How to Deploy Postgres on Kubernetes with S3 Backups
In this tutorial we will be deploying PostgreSQL into a Kubernetes cluster using CloudNativePG and enabling continuous backups to Amazon S3.
- Prerequisites
- Install CloudNativePG
- Provide Access to Amazon S3
- Configure and Deploy a Database Cluster
- Accessing the Database
- Finishing Up
- Additional Resources
Prerequisites
- A running Kubernetes cluster
- This can either be on your local machine or from a cloud provider. If you have Docker Desktop installed, you can enable Kubernetes within the dashboard to setup a single node cluster.
kubectl
command line tool- This is how we will communicate with our Kubernetes cluster. If you have Docker Desktop installed, this tool comes bundled with it and you should be all set.
helm
command line tool
Install CloudNativePG
CloudNativePG is a Kubernetes operator that fully manages the lifecycle of a PostgreSQL database cluster, with primary/standby configuration, automatic failover, scheduled backups, and much more.

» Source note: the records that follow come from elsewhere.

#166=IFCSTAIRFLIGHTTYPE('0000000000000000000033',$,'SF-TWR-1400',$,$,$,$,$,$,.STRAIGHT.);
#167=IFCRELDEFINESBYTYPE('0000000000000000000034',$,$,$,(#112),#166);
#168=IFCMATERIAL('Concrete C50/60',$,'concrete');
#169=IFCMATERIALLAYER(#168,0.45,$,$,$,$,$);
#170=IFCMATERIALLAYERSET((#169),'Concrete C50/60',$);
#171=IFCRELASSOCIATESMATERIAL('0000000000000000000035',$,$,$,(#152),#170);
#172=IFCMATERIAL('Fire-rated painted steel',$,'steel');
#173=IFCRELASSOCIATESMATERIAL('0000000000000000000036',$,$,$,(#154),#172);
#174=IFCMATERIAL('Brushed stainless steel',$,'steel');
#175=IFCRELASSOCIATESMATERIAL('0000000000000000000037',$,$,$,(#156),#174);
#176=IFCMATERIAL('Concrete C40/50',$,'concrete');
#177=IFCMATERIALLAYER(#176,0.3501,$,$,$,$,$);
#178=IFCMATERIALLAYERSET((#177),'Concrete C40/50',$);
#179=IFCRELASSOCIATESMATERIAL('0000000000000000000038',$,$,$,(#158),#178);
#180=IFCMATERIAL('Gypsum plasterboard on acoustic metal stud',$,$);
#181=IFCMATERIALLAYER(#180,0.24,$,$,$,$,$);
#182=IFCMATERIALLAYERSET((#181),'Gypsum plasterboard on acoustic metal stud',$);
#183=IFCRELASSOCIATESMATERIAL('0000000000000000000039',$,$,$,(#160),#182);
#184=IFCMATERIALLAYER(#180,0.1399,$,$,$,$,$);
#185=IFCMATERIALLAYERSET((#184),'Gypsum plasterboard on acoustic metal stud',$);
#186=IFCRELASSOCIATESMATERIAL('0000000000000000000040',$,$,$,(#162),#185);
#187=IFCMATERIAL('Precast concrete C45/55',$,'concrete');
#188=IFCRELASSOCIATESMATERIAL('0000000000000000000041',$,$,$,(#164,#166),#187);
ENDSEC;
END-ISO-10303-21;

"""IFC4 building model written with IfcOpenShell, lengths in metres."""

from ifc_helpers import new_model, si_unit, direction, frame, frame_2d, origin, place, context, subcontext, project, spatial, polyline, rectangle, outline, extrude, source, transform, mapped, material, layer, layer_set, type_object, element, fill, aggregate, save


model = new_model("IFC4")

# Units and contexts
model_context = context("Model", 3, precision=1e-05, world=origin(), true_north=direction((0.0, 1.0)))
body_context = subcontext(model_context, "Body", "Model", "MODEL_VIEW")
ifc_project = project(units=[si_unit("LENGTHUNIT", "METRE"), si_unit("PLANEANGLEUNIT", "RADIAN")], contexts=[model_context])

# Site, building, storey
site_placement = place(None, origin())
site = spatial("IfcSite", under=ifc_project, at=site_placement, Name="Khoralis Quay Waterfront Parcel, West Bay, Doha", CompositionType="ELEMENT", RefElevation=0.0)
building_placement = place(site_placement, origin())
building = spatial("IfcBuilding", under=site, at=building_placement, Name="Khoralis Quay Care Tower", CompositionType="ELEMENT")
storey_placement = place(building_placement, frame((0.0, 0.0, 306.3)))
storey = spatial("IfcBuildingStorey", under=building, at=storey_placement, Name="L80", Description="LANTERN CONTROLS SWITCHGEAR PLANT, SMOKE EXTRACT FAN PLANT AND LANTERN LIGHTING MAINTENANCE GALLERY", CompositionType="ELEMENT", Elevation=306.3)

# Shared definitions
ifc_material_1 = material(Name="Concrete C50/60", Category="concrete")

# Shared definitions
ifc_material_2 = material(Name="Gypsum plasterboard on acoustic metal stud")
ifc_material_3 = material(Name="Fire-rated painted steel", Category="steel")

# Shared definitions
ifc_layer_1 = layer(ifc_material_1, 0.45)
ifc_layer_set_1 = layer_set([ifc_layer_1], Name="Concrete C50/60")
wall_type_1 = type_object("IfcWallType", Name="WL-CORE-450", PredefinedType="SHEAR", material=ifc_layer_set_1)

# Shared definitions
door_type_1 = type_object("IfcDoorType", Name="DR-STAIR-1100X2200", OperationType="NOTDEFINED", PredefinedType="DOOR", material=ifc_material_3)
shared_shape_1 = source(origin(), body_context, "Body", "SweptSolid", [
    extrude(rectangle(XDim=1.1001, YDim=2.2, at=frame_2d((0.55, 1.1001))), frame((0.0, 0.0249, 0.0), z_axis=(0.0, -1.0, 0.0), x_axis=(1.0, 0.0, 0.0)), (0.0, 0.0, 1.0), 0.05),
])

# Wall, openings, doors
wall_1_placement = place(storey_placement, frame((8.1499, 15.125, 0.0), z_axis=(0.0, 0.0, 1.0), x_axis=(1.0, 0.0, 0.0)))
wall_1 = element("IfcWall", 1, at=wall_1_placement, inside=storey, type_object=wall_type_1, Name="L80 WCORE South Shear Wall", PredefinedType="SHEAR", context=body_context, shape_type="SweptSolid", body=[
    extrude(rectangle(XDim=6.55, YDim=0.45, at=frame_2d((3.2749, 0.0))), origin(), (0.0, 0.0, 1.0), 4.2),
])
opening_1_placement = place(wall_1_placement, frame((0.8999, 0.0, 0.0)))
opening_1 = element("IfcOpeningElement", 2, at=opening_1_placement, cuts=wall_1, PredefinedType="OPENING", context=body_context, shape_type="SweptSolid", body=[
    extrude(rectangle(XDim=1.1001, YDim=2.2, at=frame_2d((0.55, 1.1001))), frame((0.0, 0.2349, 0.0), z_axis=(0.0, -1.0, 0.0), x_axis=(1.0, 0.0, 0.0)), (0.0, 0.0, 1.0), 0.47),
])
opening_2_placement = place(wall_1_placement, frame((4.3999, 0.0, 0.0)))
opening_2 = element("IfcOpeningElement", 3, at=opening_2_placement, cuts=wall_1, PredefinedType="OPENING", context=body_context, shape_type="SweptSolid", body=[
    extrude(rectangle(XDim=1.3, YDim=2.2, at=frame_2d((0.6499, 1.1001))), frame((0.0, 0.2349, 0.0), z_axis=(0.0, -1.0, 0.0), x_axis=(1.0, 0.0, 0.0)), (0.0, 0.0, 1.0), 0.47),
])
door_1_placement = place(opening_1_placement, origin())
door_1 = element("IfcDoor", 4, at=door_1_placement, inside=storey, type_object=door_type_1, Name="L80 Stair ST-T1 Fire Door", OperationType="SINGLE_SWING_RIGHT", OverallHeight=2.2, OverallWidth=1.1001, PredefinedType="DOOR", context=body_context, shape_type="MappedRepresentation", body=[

We will be using Helm to install this operator on our cluster. See here if you have not set this up yet.
First we want to add the helm repo where the cloudnative-pg
chart is hosted:
helm repo add cnpg https://cloudnative-pg.github.io/charts --force-update
helm repo update
Next we want to search for the cloudnative-pg
package to identify the latest version:
helm search repo cloudnative-pg
This should produce an output similar to this:
NAME CHART VERSION APP VERSION DESCRIPTION
cnpg/cloudnative-pg 0.20.2 1.22.2 CloudNativePG Helm Chart
The package name and the chart version is what we are looking for, in this case it is cnpg/cloudnative-pg
and 0.20.2
.
Using these values run the following command to install the cnpg/cloudnative-pg
package into your cluster:
helm install cnpg \
cnpg/cloudnative-pg \
--namespace cnpg-system \
--create-namespace \
--version 0.20.2
This tells helm to install chart version 0.20.2
of the cnpg/cloudnative-pg
package within the cnpg-system
namespace. The first cnpg
param is the name of the “release” which allows us to reference this installation as a whole.
The command might take a few seconds to complete, but if successful you should see something similar to this:
NAME: cnpg
LAST DEPLOYED: Tue Mar 19 09:06:43 2024
NAMESPACE: cnpg-system
STATUS: deployed
REVISION: 1
TEST SUITE: None
NOTES:
CloudNativePG operator should be installed in namespace "cnpg-system".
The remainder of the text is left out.